Engineering in public schools is old hatAnne Haddad should...


January 21, 1996

Engineering in public schools is old hat

Anne Haddad should be lashed with a wet noodle (in the vernacular of Ann Landers) for her Dec. 26 article, "With an eye to the future, students in Carroll County focus on engineering." It is replete with inaccuracy.

The first time engineering courses moved into the high schools in Maryland was in 1885 in Baltimore City, not Carroll County in 1995. Baltimore Polytechnic Institute had engineering courses and two-period laboratory classes way before Anne Haddad was a gleam in her parents' eyes.

As a member of the Poly Class of 1938, I remember courses in drawing shop practice, surveying, heat engines, mechanics, mechanics of materials, as well as the sciences and mathematics through differential and integral calculus. Our mechanical laboratory, machine design laboratory and the other laboratories in the sciences were two periods long since the day we entered the first of four years of high school.

Upon graduation I got a job as a junior construction engineer and received credit for the first year of college -- not at all unusual then and now. At the time, our computer was our brain assisted by the slide rule and not the computer-aided design of today.

Edgar F. Muller Jr.


Bartlett's rotten environmental record

Many citizens were no doubt shocked to read that their congressman, Roscoe Bartlett, was cited by the Frederick County Department of Health for leaving the bodies of dead animals rotting and unburied on his property along the Monocacy River.

Perhaps if these readers knew what I know, they would not have been quite so surprised. What I know is that Mr. Bartlett has one of the worst voting records on environmental issues in Congress. And for this particular Congress, that is quite a distinction.

The only question I have is whether or not the voters will remember at the polls in November the disdain Mr. Bartlett has for our Earth and its creatures.

Nancy Davis


The writer is chairwoman of the Maryland Sierra Club.

Enough with the Jeep-bashing

After reading my second column by Mike Littwin involving Jeep owner-bashing ("You can bet we'll soon hoard all our bread to buy Jeeps"), it is time for at least one Jeep owner to respond.

Unfortunately, I am not privileged enough to work from my home as is Mr. Littwin, but I am deemed "critical personnel" by my employer, whose offices are 94 miles round trip from my house. I manage the direct deposit functions at a financial institution. In other words, Mike, I am trying to get to work so people have money in their accounts to buy the bread, milk, lottery tickets and Sun paper that they deem necessary to survive the weather.

I have owned Jeeps for the last 15 years, long before they became the "Yuppiemobiles" as depicted by Mr. Littwin.

They're a reliable means of transportation, and yes, as I've been able to afford it over the years, I have upgraded the model that I drive. No one but myself pays for that privilege. (Mike, if you're financing my car, you're behind in your share.) Any four-wheel-drive vehicle does not bring out the best in folks that have been cooped up in their homes and are now taking out that extra surge of testosterone on the rest of us.

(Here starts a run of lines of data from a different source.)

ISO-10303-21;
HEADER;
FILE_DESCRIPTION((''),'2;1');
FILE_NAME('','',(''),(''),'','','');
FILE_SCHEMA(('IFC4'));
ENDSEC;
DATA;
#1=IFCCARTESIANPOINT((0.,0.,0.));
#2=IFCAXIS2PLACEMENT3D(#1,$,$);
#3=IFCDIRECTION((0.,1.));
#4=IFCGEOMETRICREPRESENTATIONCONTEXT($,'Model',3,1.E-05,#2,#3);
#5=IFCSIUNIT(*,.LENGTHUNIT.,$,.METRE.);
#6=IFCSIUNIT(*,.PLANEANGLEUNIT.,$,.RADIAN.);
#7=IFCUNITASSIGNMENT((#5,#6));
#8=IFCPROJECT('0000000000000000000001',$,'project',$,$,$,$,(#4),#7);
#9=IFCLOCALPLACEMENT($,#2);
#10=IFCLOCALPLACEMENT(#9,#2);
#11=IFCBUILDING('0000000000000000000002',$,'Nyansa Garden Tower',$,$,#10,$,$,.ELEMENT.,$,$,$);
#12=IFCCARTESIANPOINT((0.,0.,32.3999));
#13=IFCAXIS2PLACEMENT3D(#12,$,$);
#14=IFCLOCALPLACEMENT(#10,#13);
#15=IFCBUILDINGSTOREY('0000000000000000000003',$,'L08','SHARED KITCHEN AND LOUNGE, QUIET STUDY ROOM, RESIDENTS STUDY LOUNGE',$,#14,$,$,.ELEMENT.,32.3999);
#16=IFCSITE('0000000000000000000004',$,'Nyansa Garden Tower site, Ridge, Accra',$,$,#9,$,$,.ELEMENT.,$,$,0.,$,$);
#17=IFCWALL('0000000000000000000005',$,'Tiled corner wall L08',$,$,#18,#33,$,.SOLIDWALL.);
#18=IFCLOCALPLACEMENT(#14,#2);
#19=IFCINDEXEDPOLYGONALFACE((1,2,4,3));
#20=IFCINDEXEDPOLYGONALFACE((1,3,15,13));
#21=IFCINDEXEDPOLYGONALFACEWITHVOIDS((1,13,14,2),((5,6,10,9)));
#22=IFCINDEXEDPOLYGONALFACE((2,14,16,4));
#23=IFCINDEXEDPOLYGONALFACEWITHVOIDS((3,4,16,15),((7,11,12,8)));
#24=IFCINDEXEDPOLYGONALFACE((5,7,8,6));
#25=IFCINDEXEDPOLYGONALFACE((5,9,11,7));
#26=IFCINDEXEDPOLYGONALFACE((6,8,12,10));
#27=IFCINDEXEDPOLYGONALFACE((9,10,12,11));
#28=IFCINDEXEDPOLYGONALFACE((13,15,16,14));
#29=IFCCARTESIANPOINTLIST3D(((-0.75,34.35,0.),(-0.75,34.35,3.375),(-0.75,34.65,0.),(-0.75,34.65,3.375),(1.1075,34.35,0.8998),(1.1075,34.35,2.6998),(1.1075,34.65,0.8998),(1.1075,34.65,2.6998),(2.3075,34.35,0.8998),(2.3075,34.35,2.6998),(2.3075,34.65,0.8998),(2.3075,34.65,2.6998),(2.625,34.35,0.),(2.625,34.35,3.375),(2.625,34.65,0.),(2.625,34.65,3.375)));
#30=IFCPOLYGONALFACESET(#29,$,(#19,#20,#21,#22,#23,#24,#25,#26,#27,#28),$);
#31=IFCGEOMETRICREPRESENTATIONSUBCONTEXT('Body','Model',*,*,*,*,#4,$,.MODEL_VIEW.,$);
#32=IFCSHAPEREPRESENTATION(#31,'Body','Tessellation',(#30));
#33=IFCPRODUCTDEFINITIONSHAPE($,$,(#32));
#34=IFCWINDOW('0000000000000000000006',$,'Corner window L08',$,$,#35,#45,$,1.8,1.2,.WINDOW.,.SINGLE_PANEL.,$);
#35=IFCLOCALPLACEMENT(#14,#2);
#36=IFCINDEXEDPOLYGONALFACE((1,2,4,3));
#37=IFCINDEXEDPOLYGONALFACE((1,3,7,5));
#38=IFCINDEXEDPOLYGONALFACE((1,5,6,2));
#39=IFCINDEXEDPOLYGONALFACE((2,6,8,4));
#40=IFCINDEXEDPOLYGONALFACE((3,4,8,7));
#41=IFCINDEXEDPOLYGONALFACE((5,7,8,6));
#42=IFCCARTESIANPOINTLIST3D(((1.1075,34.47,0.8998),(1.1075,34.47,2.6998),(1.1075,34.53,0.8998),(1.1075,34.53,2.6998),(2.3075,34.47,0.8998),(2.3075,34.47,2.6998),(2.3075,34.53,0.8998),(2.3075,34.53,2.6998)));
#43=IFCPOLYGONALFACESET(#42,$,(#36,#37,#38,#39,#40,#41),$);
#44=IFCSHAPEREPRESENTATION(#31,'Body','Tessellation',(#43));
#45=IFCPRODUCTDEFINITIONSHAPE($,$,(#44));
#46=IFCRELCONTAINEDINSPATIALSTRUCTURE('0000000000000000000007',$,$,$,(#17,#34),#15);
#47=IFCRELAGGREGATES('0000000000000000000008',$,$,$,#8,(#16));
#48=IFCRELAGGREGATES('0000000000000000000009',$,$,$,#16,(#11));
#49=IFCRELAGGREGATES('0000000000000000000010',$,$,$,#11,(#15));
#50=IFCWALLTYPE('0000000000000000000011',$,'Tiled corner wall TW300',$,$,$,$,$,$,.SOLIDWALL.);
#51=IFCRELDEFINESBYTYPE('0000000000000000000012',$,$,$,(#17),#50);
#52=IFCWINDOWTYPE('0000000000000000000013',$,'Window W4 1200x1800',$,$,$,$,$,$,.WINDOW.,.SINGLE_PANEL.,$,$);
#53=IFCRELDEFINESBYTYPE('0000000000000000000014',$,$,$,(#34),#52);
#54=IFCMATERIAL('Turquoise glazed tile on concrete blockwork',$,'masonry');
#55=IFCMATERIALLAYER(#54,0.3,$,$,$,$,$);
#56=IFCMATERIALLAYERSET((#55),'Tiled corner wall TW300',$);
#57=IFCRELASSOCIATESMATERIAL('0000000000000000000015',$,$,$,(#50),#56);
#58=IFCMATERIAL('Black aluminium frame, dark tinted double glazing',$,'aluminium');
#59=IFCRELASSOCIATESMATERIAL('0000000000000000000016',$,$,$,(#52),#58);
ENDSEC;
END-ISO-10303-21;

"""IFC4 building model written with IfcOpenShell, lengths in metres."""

from ifc_helpers import new_model, si_unit, direction, frame, frame_2d, origin, place, context, subcontext, project, spatial, rectangle, extrude, material, layer, layer_set, type_object, element, fill, save


model = new_model("IFC4")

# Units and contexts
model_context = context("Model", 3, precision=1e-05, world=origin(), true_north=direction((0.0, 1.0)))
body_context = subcontext(model_context, "Body", "Model", "MODEL_VIEW")
ifc_project = project(units=[si_unit("LENGTHUNIT", "METRE"), si_unit("PLANEANGLEUNIT", "RADIAN")], contexts=[model_context])

# Site, building, storey
site_placement = place(None, origin())
site = spatial("IfcSite", under=ifc_project, at=site_placement, Name="Nyansa Garden Tower site, Ridge, Accra", CompositionType="ELEMENT", RefElevation=0.0)
building_placement = place(site_placement, origin())
building = spatial("IfcBuilding", under=site, at=building_placement, Name="Nyansa Garden Tower", CompositionType="ELEMENT")
storey_placement = place(building_placement, frame((0.0, 0.0, 32.3999)))
storey = spatial("IfcBuildingStorey", under=building, at=storey_placement, Name="L08", Description="SHARED KITCHEN AND LOUNGE, QUIET STUDY ROOM, RESIDENTS STUDY LOUNGE", CompositionType="ELEMENT", Elevation=32.3999)

# Wall, opening, window
ifc_material_1 = material(Name="Turquoise glazed tile on concrete blockwork", Category="masonry")
ifc_layer_1 = layer(ifc_material_1, 0.3)
ifc_layer_set_1 = layer_set([ifc_layer_1], Name="Tiled corner wall TW300")
wall_type_1 = type_object("IfcWallType", Name="Tiled corner wall TW300", PredefinedType="SOLIDWALL", material=ifc_layer_set_1)
ifc_material_2 = material(Name="Black aluminium frame, dark tinted double glazing", Category="aluminium")
window_type_1 = type_object("IfcWindowType", Name="Window W4 1200x1800", PartitioningType="SINGLE_PANEL", PredefinedType="WINDOW", material=ifc_material_2)
wall_1_placement = place(storey_placement, frame((2.625, 34.5, 0.0), z_axis=(0.0, 0.0, 1.0), x_axis=(-1.0, 0.0, 0.0)))
wall_1 = element("IfcWall", 1, at=wall_1_placement, inside=storey, type_object=wall_type_1, Name="Tiled corner wall L08", PredefinedType="SOLIDWALL", context=body_context, shape_type="SweptSolid", body=[
    extrude(rectangle(XDim=3.375, YDim=0.3, at=frame_2d((1.6875, 0.0))), origin(), (0.0, 0.0, 1.0), 3.375),
])
opening_1_placement = place(wall_1_placement, frame((0.3174, 0.0, 0.8999)))
opening_1 = element("IfcOpeningElement", 2, at=opening_1_placement, cuts=wall_1, PredefinedType="OPENING", context=body_context, shape_type="SweptSolid", body=[
    extrude(rectangle(XDim=1.2, YDim=1.8, at=frame_2d((0.6001, 0.8999))), frame((0.0, 0.1599, 0.0), z_axis=(0.0, -1.0, 0.0), x_axis=(1.0, 0.0, 0.0)), (0.0, 0.0, 1.0), 0.3201),
])
window_1_placement = place(opening_1_placement, origin())
window_1 = element("IfcWindow", 3, at=window_1_placement, inside=storey, type_object=window_type_1, Name="Corner window L08", OverallHeight=1.8, OverallWidth=1.2, PartitioningType="SINGLE_PANEL", PredefinedType="WINDOW", context=body_context, shape_type="SweptSolid", body=[
    extrude(rectangle(XDim=1.2, YDim=1.8, at=frame_2d((0.6001, 0.8999))), frame((0.0, 0.03, 0.0), z_axis=(0.0, -1.0, 0.0), x_axis=(1.0, 0.0, 0.0)), (0.0, 0.0, 1.0), 0.0601),
])
fill(opening_1, window_1)

save(model, "model.ifc")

But I have also noticed this in folks driving anything from Volkswagen Beetles to Mercedeses with the windows caked with ice so that they have no visibility, or they're riding on "baloney skin" tires or a combination of both. Poor judgment is poor judgment, no matter what someone has in their bank account.

So Mike, the next time you're running to the automated teller machine to get money to buy essentials, but there's no money in your account because your paycheck didn't make it, think of me.

Linda A. Collins


Capital fight over federal, local control

I'm getting scared during this government shutdown and budget impasse. But I'm not afraid of the shutdown. I'm afraid of the public reaction. I'm scared because it seems to me that the American people no longer want representative democracy.

This fight on Capitol Hill is a fine example of democracy in action. The freshman Republicans are doing exactly what they were sent to Washington to do. Their constituents, who voted them into office and whose views they represent, told them they wanted smaller government and a balanced budget.

But there is a more fundamental issue at stake: whether or not there should be a concentration of centralized power. It is a philosophical argument between those who think that the federal government should control and oversee programs on a national scale, and those who feel power should be concentrated at the local level.

The federalists would argue that centralized programs ensure fairness and equality. But federal oversight also allows the federal government to set the rules and intrude into local decisions and private lives, to the detriment, some feel, of creativity and responsiveness to local needs.